Ces évolutions ont de nombreux effets positifs, mais il est important de se demander quel pouvoir elles donnent aux entreprises privées sur la démocratie, comment elles transforment l'écosystème informationnel des citoyens, et en définitive, quelles sont les pré-requis nécessaires à un système de délibération démocratique qui améliorerait les libertés individuelles ? Nos sociétés modernes se sont surtout occupées de placer des limites au pouvoir de censure des gouvernements, et d'apporter des protections aux libertés fondamentales des citoyens. Mais les menaces qui se présentent aujourd'hui sont nouvelles et requièrent de nouveaux outils conceptuels et techniques.

D'une part, il est important de préserver la pluralité de l'information. Il faut éviter que les gens ne se retrouvent exposés qu'à des informations qu'ils auraient sélectionnées à l'avance. D'autre part, il faut préserver la capacité des gens à partager des expériences communes et à appartenir simultanément à des communautés différentes.

Pris du point de vue de la démocratie, Sunstein décrit donc comme un cauchemar l'idéal médiatisé de l'internet 2.0 où l'individu est devenu une commodité qu'on s'échange via les termes de «visites» ou de «taux de trafic.» Rémunérés via les informations qu'ils collectent sur leurs visiteurs, les sites internet ont intérêt à les retenir le plus possible, et donc à les confiner dans des enclaves informationnelles. La solution proposée par Sunstein tient compte les évolutions empiriques constatées depuis plusieurs années. Elle consiste d'abord à développer le sens citoyen des internautes ainsi que leur compréhension des mécanismes qui sont en jeu. Sur ce point, le rôle du gouvernement sera de s'assurer de la neutralité des moyens de communication et d'empêcher un sites donné d'isoler ses membres du reste de l'internet.
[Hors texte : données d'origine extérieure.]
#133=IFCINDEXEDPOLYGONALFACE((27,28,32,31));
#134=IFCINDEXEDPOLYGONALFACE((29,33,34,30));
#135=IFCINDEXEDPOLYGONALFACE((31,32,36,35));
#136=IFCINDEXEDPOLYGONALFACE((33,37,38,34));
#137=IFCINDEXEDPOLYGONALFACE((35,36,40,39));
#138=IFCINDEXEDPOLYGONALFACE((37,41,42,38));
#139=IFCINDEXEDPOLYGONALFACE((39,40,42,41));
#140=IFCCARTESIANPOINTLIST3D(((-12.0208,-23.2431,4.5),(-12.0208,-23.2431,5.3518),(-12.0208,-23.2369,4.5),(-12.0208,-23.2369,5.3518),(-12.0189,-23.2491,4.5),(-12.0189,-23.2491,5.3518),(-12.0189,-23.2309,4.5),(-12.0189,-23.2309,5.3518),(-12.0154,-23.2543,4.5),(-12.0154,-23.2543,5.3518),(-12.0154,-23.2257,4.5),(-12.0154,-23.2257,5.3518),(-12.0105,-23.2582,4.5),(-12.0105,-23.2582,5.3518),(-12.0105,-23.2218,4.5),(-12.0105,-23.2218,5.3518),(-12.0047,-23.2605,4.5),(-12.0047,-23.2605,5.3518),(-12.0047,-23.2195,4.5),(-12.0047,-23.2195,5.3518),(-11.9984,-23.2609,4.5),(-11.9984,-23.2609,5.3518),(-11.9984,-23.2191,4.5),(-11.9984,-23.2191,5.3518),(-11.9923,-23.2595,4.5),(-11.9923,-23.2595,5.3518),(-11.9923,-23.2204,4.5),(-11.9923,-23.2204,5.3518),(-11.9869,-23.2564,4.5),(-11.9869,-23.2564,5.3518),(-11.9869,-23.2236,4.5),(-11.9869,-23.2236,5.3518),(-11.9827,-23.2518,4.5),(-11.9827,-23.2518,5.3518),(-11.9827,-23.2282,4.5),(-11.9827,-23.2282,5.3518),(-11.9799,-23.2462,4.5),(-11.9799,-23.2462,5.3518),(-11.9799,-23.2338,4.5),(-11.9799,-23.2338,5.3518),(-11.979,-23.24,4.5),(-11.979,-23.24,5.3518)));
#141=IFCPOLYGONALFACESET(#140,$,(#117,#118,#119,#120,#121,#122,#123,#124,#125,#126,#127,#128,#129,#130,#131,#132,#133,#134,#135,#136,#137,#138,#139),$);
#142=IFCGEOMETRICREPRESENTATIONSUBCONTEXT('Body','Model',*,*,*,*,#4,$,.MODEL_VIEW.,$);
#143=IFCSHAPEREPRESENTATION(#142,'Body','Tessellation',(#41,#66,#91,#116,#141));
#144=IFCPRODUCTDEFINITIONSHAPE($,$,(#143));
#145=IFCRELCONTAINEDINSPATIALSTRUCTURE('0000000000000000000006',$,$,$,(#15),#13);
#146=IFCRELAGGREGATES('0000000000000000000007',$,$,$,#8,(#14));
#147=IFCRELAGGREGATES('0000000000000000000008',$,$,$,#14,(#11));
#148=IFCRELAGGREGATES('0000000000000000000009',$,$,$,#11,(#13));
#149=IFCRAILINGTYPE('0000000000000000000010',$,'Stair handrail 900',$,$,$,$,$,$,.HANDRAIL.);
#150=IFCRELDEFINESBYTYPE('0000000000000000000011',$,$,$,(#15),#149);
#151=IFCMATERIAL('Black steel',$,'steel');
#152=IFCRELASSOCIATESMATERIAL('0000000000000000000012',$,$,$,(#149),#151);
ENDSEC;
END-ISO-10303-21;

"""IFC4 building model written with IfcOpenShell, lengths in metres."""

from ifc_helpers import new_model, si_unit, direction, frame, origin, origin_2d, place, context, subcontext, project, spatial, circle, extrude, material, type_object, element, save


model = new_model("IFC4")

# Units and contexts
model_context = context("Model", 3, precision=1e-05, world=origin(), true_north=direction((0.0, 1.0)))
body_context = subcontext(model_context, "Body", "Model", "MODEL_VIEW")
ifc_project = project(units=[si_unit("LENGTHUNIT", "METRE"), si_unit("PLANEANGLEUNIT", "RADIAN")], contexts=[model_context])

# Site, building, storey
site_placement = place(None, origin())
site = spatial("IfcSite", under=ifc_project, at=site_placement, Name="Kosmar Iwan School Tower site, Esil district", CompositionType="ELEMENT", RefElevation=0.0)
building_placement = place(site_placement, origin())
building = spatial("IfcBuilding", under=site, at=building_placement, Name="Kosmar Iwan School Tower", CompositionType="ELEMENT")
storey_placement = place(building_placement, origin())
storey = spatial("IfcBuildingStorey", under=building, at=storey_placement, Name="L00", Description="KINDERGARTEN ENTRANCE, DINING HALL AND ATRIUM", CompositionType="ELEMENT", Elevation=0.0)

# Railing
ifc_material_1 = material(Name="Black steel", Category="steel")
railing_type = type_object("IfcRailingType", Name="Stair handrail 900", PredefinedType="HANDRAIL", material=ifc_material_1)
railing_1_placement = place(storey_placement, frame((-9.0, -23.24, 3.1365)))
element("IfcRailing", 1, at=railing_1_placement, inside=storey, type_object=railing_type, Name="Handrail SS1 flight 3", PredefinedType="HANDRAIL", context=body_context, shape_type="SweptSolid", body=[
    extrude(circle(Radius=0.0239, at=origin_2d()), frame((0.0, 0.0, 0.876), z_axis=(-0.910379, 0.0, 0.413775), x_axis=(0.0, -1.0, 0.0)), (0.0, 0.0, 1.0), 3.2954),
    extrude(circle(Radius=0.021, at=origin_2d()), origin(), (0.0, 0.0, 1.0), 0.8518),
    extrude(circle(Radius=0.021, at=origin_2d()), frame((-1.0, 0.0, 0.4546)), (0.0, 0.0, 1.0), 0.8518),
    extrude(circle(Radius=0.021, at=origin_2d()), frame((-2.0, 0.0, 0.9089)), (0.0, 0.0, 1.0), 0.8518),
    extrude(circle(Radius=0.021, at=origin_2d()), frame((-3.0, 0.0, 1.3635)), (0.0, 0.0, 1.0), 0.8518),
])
Sunstein refuse donc de céder aux sirènes de l'auto-régulation prônées par les professionnels de l'Internet. Le rôle de l'état restera fondamental pour assurer le développement démocratique du réseau. La question n'est pas de savoir s'il faut ou non réglementer Internet, mais plutôt de se demander comment.
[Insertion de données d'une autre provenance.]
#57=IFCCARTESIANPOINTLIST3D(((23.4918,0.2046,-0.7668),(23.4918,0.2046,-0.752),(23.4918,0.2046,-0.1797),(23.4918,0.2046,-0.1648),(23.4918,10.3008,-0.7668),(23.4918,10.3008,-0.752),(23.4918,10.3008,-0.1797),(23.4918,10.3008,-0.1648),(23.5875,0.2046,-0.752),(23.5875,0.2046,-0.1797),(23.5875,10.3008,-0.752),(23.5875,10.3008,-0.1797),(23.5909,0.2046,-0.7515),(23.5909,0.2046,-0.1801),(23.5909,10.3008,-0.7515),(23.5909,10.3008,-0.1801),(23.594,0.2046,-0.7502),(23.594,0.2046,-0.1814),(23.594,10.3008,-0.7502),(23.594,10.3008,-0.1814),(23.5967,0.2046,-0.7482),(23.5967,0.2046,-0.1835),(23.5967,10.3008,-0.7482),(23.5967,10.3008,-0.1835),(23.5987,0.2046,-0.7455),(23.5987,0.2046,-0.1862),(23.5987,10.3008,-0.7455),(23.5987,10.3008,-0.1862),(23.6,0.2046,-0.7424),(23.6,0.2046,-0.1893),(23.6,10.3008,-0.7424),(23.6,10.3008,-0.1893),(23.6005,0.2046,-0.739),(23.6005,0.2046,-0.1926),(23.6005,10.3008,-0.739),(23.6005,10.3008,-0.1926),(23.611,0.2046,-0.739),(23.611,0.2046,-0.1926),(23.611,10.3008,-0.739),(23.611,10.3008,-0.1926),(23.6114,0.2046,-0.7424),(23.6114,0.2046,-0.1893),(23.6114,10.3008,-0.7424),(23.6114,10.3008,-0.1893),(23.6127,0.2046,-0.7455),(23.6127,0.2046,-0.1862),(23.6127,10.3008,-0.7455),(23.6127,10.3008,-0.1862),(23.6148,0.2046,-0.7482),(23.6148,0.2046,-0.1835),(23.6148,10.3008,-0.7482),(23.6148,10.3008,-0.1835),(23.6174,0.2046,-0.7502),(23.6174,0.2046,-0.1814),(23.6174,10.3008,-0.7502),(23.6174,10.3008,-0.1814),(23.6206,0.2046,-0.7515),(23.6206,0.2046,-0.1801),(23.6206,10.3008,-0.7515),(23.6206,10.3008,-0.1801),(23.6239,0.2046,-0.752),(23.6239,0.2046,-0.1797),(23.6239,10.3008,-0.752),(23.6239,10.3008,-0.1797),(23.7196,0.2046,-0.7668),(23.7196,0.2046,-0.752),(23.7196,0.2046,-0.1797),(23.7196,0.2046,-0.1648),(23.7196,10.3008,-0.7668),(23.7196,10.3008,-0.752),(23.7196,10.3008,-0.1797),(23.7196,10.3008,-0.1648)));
Sur ce point, Susntein adopte une attitude très nord-américaine en mettant l'accent sur l'importance de protéger le «free speech», la liberté de conscience. De façon originale, il met l'accent sur le rôle des intermédiaires dans son développement sur Internet. En définitive, ce sont eux qu'il faut protéger car ils assurent la transmission des informations entre les groupes hermétiques qui peuvent se développer sur le réseau.